I'm new to HBase and I need help designing rowkeys for use case that looks
like this:

- Products are listed, where each product has a product id.
- Each product has a timestamp.
- Each product is created in certain place (e.g. city)
- Each product is created by some unit (e.g. factory)

I would like to be able to scan products from a certain time period on one
hand, from a certain place, or from a certain unit.

I read about salting to avoid hot-spotting and I understand that rows are
sequential by rowkey. This will allow me to scan for a certain time period
using with following rowkey:

salt-productId-timestamp

And I can specify the period using STARTROW, ENDROW.

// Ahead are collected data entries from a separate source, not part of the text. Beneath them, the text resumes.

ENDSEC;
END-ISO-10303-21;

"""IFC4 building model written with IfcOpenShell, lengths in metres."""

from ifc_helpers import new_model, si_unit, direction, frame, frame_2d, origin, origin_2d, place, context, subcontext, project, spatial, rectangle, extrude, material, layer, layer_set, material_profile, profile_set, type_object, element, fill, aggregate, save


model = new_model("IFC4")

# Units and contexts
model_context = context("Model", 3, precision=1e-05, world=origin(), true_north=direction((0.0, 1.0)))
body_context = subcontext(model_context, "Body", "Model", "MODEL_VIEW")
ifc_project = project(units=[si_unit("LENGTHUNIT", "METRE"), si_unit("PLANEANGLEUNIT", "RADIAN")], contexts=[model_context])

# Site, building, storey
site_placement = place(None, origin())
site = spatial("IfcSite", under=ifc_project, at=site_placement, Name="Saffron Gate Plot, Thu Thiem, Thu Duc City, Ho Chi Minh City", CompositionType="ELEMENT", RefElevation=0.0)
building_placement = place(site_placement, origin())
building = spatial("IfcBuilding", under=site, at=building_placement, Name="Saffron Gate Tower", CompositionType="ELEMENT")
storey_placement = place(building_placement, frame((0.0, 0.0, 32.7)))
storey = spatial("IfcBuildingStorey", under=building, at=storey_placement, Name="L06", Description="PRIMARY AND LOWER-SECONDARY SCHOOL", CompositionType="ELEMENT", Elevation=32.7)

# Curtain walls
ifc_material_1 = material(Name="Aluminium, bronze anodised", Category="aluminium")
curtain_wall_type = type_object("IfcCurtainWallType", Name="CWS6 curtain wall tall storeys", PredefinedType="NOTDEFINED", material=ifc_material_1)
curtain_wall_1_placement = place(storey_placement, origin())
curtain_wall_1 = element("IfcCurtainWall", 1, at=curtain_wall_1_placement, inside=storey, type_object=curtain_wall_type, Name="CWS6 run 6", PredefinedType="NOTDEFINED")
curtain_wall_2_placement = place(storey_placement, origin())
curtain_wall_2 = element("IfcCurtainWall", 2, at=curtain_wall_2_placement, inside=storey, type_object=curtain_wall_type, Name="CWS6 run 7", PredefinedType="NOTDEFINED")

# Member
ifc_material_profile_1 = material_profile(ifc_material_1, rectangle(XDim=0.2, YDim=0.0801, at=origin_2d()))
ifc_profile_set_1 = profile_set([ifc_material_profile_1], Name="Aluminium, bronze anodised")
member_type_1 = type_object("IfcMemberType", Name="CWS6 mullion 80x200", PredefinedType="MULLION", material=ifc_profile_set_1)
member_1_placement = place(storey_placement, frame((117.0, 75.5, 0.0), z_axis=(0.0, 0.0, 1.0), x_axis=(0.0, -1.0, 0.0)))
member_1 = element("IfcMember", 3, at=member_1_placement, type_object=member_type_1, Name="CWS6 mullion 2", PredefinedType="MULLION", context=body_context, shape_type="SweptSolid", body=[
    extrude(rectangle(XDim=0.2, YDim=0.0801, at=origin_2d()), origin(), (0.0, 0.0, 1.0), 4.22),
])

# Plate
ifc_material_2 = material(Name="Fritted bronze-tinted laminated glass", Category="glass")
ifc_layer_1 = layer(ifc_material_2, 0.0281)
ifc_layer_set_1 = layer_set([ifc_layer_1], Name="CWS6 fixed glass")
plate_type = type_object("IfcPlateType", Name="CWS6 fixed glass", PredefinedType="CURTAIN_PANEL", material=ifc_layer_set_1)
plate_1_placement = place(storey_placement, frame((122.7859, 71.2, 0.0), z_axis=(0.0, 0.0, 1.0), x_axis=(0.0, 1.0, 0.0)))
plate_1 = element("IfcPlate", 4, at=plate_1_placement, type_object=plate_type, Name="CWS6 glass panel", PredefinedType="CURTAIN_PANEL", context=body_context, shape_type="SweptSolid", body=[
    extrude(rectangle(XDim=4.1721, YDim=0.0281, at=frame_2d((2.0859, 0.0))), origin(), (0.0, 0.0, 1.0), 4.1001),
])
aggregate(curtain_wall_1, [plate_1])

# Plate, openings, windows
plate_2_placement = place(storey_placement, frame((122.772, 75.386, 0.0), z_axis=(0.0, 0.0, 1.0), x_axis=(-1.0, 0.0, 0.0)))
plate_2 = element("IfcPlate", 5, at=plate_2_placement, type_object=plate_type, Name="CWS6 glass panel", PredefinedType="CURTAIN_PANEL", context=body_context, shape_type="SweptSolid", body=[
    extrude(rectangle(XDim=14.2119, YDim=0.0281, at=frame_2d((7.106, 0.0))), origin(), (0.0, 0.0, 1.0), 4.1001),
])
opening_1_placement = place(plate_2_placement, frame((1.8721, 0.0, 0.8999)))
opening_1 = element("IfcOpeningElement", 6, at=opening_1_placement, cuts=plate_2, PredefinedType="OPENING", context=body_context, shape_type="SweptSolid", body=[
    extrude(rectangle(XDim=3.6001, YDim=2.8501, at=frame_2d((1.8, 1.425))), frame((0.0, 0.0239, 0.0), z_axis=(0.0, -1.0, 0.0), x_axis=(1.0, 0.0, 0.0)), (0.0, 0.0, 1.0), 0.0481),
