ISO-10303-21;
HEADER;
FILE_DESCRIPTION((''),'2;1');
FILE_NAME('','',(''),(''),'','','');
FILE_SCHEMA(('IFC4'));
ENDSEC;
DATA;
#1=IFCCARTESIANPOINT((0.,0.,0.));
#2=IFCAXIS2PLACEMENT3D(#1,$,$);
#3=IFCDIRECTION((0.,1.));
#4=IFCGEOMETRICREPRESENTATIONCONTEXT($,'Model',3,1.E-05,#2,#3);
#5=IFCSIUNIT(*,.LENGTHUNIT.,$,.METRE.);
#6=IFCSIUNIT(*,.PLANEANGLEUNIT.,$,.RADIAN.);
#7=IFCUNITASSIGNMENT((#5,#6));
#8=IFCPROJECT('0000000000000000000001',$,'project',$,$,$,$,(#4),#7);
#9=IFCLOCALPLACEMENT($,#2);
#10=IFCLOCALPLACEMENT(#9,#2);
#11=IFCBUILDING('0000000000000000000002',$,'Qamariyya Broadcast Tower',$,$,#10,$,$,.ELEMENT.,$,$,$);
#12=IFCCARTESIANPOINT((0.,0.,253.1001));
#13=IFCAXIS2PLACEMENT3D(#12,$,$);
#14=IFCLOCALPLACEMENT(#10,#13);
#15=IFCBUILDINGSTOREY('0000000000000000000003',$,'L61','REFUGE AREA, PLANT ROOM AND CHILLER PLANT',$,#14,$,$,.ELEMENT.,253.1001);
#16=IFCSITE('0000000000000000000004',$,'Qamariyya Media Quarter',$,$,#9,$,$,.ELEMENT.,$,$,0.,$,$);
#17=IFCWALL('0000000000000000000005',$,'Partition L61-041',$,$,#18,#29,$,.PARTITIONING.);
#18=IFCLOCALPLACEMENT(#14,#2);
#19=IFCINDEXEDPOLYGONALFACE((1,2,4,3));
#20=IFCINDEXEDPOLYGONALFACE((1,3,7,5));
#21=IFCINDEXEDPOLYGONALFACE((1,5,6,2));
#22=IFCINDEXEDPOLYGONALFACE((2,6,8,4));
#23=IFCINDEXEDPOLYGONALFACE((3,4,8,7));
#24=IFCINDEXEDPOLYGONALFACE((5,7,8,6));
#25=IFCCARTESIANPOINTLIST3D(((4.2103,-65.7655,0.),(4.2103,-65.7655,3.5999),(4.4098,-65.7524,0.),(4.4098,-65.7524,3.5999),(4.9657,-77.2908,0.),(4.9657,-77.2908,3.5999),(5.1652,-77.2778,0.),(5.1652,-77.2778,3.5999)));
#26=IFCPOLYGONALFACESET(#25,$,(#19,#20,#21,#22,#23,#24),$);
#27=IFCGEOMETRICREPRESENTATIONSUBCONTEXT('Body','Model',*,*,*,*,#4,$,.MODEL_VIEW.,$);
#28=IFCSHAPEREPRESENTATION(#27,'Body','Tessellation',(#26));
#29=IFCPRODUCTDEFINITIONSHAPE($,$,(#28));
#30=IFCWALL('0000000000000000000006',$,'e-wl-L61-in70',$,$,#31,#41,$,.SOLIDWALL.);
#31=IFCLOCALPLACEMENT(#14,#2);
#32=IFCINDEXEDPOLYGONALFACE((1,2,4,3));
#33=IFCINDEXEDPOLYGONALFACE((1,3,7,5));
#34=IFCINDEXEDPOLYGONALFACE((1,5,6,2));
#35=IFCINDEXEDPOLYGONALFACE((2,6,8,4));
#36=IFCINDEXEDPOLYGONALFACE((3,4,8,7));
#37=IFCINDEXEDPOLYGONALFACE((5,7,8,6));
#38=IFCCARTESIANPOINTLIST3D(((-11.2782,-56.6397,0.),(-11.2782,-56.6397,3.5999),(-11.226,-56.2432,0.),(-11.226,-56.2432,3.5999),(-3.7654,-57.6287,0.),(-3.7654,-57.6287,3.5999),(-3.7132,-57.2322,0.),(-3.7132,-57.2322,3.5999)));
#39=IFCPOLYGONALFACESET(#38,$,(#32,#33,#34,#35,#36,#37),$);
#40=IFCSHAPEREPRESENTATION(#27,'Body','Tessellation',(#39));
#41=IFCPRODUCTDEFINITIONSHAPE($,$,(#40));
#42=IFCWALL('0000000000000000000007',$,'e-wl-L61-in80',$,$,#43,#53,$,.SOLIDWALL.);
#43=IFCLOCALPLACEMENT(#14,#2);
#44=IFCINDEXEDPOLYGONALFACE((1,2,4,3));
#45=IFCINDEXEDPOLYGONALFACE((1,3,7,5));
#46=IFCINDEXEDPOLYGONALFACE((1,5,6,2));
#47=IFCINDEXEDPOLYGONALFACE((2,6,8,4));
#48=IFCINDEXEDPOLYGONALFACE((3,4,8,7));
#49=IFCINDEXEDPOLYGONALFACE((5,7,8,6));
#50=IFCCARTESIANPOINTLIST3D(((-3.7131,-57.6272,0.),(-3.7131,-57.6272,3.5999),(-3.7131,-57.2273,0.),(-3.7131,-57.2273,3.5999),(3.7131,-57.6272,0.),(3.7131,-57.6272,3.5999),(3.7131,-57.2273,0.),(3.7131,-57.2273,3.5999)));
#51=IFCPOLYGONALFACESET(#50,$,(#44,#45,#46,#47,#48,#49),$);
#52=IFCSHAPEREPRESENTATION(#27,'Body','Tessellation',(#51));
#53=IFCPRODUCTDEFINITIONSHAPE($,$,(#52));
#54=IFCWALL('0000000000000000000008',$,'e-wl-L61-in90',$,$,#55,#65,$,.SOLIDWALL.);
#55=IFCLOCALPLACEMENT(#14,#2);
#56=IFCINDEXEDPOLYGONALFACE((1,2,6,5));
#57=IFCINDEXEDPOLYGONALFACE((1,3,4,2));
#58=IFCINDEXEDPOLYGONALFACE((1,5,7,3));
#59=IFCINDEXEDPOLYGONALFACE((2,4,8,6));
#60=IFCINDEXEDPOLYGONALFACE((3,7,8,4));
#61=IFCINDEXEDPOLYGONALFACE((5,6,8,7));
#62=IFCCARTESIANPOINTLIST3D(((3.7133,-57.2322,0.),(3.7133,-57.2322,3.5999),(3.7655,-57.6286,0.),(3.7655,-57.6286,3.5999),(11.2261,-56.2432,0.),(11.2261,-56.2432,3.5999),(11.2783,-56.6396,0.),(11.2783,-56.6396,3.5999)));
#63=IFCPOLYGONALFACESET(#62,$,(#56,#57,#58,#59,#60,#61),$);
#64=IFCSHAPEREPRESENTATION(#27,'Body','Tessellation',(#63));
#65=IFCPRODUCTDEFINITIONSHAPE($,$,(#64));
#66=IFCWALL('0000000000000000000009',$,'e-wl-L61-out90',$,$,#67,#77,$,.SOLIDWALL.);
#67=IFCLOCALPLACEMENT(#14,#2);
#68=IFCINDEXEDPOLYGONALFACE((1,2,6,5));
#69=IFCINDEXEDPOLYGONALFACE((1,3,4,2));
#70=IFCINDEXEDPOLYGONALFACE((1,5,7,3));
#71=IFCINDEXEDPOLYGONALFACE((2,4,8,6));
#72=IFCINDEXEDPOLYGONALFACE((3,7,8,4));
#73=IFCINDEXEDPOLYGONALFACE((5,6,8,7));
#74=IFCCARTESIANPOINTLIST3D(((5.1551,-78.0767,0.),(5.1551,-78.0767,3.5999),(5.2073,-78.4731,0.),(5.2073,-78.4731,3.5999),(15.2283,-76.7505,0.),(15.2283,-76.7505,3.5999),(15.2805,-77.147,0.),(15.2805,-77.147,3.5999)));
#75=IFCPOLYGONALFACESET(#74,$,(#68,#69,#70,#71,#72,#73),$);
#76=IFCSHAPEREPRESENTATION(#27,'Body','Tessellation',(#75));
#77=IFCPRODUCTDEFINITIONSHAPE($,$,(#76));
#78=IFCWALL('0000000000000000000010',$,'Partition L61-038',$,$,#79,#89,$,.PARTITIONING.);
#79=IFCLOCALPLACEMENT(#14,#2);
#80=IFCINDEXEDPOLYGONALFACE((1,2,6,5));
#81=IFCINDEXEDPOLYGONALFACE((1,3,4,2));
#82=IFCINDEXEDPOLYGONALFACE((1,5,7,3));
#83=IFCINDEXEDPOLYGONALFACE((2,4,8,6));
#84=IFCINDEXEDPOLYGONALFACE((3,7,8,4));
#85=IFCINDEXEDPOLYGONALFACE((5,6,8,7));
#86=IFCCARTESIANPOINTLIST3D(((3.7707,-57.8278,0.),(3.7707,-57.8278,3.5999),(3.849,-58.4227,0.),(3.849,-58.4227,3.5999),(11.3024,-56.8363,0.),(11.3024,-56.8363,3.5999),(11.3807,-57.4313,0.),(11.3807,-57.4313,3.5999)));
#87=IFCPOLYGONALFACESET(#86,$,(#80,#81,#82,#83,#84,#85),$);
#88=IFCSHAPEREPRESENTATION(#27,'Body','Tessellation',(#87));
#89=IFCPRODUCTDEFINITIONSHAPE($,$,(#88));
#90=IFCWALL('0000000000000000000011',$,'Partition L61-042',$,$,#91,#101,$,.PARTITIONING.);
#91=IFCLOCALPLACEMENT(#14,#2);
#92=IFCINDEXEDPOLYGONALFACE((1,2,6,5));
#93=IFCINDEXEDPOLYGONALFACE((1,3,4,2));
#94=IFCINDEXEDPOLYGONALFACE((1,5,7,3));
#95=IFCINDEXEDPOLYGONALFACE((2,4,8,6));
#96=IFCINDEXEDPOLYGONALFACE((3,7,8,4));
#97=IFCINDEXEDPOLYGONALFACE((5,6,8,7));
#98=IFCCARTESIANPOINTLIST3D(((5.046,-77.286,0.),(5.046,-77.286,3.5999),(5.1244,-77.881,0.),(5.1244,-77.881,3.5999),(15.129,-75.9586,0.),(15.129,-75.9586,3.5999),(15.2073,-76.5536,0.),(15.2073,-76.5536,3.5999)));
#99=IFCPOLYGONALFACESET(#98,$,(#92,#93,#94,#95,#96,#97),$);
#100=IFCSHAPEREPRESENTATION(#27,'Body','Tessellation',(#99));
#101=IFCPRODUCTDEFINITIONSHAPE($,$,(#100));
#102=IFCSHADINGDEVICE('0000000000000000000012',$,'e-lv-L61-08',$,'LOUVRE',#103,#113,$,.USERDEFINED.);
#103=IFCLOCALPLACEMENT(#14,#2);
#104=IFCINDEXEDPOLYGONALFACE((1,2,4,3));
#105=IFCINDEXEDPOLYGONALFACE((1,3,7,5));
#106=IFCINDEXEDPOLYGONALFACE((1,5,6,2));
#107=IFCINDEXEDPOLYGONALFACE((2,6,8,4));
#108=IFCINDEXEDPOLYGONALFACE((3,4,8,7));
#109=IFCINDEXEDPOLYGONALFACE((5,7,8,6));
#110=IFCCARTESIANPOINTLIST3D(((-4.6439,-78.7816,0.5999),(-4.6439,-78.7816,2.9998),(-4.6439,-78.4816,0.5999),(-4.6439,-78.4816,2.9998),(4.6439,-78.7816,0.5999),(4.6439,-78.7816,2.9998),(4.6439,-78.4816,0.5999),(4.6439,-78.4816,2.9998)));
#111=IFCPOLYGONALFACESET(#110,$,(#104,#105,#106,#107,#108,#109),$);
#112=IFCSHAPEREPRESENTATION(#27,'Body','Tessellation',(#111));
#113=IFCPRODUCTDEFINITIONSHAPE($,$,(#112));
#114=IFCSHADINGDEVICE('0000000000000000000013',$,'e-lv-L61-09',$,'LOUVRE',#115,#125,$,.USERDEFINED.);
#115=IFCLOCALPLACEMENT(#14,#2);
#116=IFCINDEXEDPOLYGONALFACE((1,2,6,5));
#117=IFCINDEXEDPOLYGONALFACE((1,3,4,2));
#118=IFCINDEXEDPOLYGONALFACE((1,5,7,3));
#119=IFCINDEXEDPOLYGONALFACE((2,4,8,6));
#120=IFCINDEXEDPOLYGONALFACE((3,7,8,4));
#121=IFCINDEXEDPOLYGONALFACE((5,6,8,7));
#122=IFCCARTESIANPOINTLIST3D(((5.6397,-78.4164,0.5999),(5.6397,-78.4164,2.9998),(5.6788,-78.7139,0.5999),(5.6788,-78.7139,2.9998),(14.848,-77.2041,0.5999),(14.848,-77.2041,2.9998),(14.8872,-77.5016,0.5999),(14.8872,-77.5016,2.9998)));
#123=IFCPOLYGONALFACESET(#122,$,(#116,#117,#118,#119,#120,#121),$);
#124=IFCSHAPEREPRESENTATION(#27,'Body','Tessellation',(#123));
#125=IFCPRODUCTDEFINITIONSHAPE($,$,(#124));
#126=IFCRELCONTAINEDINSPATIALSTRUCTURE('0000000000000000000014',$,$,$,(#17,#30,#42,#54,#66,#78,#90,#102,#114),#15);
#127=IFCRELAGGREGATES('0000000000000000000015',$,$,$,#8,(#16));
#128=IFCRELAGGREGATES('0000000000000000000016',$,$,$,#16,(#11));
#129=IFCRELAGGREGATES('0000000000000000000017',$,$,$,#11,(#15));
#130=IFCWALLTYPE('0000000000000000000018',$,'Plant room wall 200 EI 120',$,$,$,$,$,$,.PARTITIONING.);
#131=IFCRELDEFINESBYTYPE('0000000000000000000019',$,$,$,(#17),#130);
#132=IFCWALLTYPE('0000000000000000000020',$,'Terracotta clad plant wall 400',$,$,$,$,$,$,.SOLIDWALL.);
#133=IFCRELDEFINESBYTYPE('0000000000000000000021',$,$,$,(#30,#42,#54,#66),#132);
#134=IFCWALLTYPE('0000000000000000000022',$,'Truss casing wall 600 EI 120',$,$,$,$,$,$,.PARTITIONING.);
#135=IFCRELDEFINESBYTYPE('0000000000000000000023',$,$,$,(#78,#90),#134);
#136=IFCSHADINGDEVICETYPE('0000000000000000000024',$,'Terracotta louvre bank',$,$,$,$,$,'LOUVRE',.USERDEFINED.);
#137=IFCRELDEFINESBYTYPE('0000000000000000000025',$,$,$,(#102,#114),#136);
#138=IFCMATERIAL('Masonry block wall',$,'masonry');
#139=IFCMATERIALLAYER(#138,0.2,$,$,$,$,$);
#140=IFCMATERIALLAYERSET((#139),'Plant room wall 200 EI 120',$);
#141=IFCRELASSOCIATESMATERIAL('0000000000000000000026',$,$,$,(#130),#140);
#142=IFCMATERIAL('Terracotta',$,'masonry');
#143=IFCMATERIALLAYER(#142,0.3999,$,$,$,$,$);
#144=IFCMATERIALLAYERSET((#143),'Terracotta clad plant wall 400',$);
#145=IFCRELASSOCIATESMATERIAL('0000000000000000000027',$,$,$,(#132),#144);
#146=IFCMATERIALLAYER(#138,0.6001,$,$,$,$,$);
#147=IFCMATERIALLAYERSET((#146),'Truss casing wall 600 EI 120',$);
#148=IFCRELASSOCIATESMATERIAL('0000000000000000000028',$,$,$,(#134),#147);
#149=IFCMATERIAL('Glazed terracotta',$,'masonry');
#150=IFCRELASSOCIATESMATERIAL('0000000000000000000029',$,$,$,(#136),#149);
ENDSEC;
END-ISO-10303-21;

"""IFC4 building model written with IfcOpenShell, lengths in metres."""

from ifc_helpers import new_model, si_unit, direction, frame, frame_2d, origin, origin_2d, place, context, subcontext, project, spatial, rectangle, extrude, material, layer, layer_set, type_object, element, save


model = new_model("IFC4")

# Units and contexts
model_context = context("Model", 3, precision=1e-05, world=origin(), true_north=direction((0.0, 1.0)))
body_context = subcontext(model_context, "Body", "Model", "MODEL_VIEW")
ifc_project = project(units=[si_unit("LENGTHUNIT", "METRE"), si_unit("PLANEANGLEUNIT", "RADIAN")], contexts=[model_context])

# Site, building, storey
site_placement = place(None, origin())
site = spatial("IfcSite", under=ifc_project, at=site_placement, Name="Qamariyya Media Quarter", CompositionType="ELEMENT", RefElevation=0.0)
building_placement = place(site_placement, origin())
building = spatial("IfcBuilding", under=site, at=building_placement, Name="Qamariyya Broadcast Tower", CompositionType="ELEMENT")
storey_placement = place(building_placement, frame((0.0, 0.0, 253.1001)))
storey = spatial("IfcBuildingStorey", under=building, at=storey_placement, Name="L61", Description="REFUGE AREA, PLANT ROOM AND CHILLER PLANT", CompositionType="ELEMENT", Elevation=253.1001)

# Shared definitions
ifc_material_1 = material(Name="Masonry block wall", Category="masonry")
ifc_layer_1 = layer(ifc_material_1, 0.2)
ifc_layer_set_1 = layer_set([ifc_layer_1], Name="Plant room wall 200 EI 120")
wall_type_1 = type_object("IfcWallType", Name="Plant room wall 200 EI 120", PredefinedType="PARTITIONING", material=ifc_layer_set_1)

# Walls
wall_1_placement = place(storey_placement, frame((5.0654, -77.2842, 0.0), z_axis=(0.0, 0.0, 1.0), x_axis=(-0.065399, 0.997859, 0.0)))
element("IfcWall", 1, at=wall_1_placement, inside=storey, type_object=wall_type_1, Name="Partition L61-041", PredefinedType="PARTITIONING", context=body_context, shape_type="SweptSolid", body=[
    extrude(rectangle(XDim=11.55, YDim=0.2, at=frame_2d((5.7749, 0.0))), origin(), (0.0, 0.0, 1.0), 3.5999),
])
ifc_material_2 = material(Name="Terracotta", Category="masonry")
ifc_layer_2 = layer(ifc_material_2, 0.3999)
ifc_layer_set_2 = layer_set([ifc_layer_2], Name="Terracotta clad plant wall 400")
wall_type_2 = type_object("IfcWallType", Name="Terracotta clad plant wall 400", PredefinedType="SOLIDWALL", material=ifc_layer_set_2)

What confuses me is how to include place (and maybe unit) into key and be
able to select products from certain place during certain time period?

If I limit myself to be able to scan by one of the above (time range OR
place) I have an idea to duplicate data to two different tables, one with
(salt-productId-timestamp) and other with (salt-productId-place) keys. Is
that recommend or not?

So, how to construct my keys?

I should emphasize that i need this data to be input to MAPREDUCE JOB.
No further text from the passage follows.